Our study indicates that both cancer survivors and individuals without cancer were both adding and losing at least one alter over time. Adding two alters to the network was associated with lower disability in the overall NSHAP sample. Network loss was not associated with functional impairment in both groups. Losing network members over time may impact functional impairment because it eliminates potential sources of support required to sustain an independent lifestyle (Avlund et al., 2004; de Leon, Gold, Glass, Kaplan, & George, 2001).
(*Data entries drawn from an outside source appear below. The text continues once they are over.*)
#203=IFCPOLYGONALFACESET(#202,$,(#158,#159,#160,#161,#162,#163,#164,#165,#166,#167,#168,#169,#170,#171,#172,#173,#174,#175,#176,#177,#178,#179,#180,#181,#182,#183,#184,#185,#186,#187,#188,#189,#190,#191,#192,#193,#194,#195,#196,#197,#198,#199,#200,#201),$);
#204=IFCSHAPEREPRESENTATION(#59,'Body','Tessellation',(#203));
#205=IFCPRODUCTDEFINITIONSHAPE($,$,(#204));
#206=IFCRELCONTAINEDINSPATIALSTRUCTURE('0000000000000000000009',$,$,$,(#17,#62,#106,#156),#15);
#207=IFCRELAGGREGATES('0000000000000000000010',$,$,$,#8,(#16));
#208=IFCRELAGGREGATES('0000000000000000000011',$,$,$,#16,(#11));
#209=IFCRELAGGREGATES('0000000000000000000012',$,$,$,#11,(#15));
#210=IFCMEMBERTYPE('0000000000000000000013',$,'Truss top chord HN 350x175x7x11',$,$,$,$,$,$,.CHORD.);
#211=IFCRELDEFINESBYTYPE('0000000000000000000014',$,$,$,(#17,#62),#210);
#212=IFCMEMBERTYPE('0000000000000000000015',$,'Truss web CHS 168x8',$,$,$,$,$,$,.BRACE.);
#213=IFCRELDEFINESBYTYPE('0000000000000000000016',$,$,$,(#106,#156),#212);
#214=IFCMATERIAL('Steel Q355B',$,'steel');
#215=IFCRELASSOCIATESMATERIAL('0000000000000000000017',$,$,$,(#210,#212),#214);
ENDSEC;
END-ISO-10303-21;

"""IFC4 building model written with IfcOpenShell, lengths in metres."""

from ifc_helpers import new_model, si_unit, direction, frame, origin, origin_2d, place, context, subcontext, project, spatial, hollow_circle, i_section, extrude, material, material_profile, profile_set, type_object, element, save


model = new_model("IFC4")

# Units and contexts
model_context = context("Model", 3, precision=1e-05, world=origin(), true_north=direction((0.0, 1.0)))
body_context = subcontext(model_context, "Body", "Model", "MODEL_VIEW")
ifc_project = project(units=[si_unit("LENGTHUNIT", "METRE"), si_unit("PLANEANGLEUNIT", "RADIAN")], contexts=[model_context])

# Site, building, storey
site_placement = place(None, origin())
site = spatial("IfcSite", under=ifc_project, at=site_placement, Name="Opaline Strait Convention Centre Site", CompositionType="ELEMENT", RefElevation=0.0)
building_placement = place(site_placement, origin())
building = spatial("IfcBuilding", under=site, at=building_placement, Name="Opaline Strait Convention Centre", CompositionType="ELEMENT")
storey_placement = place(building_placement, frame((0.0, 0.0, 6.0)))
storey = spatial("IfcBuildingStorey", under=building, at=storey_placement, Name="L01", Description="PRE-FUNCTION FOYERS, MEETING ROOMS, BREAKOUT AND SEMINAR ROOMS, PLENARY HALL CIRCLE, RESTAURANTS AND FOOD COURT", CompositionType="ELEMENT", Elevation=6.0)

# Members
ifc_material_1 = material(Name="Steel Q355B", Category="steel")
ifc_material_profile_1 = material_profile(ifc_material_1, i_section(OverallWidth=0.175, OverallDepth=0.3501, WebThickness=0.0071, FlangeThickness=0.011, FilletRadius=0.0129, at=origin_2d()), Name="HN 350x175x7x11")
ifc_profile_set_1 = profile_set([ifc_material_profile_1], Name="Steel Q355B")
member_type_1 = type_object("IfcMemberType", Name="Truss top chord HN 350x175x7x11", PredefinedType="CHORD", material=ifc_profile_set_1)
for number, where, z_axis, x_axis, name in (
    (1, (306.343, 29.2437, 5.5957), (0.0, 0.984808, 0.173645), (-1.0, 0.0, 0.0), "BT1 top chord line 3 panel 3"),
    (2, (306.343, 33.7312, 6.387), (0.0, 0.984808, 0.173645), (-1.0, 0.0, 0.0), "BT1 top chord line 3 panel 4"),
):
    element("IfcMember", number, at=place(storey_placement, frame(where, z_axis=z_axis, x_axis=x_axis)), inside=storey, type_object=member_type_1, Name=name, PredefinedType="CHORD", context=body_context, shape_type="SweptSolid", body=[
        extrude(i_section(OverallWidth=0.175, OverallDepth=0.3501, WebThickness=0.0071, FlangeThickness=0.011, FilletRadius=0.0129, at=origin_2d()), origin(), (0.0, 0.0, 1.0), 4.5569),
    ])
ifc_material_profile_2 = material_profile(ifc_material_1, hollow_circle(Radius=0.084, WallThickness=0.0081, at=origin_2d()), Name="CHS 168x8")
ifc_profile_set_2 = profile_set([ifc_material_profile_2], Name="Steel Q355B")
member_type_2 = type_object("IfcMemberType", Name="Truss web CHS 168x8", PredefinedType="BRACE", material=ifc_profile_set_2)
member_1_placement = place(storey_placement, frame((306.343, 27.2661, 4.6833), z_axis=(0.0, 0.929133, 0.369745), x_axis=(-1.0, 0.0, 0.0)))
Although different measures were used to evaluate social network connectedness, our results are consistent with Michael and colleagues’ (2002) study, indicating that changes in social network integration were not associated with disability in cancer survivors (Michael, Berkman, Colditz, Holmes, & Kawachi, 2002). However, the relatively high and unchanged levels of emotional closeness and social support from family members among lasting ties suggests that strong relationships were maintained for both groups, providing support for the socioemotional selectivity theory. Among participants who lost alters, the majority reported that the alter moved, died, or they lost touch for other reasons, suggesting that the specific relationships lost over time may have been weaker ties less likely to provide help.
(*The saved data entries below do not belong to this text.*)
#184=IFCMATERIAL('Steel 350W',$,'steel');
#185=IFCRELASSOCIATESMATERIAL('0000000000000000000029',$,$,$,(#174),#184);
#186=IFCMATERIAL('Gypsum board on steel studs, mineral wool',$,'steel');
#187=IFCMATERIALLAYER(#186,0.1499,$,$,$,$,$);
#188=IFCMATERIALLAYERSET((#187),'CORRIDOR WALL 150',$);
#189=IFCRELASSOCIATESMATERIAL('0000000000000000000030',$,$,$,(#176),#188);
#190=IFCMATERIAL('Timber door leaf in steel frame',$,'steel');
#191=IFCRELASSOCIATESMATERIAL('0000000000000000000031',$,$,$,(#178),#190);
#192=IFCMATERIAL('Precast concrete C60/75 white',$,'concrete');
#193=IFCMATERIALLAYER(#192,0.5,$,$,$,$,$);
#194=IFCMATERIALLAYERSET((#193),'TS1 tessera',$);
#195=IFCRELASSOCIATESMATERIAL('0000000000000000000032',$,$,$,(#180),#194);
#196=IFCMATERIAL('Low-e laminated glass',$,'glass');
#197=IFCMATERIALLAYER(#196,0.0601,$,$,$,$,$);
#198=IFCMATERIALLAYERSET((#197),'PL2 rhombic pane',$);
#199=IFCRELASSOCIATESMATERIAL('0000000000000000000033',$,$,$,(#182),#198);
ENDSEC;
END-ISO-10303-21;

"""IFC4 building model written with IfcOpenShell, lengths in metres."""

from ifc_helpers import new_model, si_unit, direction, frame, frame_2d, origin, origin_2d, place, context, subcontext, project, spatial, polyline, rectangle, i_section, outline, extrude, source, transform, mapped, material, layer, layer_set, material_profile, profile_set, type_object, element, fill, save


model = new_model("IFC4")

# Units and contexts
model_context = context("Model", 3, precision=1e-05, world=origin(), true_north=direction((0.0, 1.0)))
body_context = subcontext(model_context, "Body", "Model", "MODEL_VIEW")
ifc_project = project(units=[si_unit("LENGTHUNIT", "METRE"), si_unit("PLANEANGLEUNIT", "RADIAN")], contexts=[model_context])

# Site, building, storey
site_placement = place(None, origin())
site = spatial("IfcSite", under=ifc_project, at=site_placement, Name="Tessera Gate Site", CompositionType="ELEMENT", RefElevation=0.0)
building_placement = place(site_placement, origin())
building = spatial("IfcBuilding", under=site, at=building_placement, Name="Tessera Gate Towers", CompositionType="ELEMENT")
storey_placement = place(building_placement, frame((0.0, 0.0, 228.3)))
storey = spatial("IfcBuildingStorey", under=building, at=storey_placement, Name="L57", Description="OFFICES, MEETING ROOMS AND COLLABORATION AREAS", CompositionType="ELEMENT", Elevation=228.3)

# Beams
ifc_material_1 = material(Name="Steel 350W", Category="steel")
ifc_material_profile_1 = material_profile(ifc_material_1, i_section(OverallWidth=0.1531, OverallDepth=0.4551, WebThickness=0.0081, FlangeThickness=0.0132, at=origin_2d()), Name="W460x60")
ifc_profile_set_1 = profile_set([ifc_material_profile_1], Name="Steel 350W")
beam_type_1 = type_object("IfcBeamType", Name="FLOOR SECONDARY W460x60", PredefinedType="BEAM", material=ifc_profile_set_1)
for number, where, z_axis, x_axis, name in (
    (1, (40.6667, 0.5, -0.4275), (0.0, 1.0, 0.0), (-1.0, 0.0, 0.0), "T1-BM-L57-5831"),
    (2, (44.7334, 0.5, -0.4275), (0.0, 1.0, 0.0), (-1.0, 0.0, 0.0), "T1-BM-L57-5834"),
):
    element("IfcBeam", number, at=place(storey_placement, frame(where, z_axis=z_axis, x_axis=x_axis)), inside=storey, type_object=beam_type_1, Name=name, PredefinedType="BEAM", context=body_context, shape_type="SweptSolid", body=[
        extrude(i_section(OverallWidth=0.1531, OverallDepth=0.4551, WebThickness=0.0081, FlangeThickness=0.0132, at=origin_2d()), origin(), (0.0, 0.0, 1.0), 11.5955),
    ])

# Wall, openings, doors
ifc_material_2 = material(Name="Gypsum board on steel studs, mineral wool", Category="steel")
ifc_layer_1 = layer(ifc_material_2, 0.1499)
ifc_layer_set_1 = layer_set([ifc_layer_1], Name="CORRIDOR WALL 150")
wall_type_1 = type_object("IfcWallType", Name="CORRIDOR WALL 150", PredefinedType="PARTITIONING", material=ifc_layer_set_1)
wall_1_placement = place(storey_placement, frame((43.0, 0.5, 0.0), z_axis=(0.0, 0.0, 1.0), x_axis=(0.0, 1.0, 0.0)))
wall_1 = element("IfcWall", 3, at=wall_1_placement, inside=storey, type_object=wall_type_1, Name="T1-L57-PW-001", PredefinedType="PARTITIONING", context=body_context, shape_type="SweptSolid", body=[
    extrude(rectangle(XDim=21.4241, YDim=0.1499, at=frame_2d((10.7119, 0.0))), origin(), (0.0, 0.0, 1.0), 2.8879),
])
To expand on this point, studies on aging suggest that older adults maintain a close-knit network consisting of mainly familial ties that provide social support (Antonucci & Akiyama, 1987; Carstensen, Isaacowitz, & Charles, 1999). Van Tilberg’s 4-year longitudinal study in older Dutch adults showed that seniors tend to preserve a strong circle of familial ties and lose more friend ties over time (Van Tilburg, 1998). Keeping a close network may be one strategy to ameliorate some of the challenges of aging and cope with the transitions to come (Southwick, Litz, Charney, & Friedman, 2011). While losing certain network members to death, conflict, or other reasons may be a stressful situation to endure, a wealth of literature suggests that the process of aging itself can help older adults become resilient to future stressors (Helgeson, Snyder, & Seltman, 2004; Southwick et al., 2011).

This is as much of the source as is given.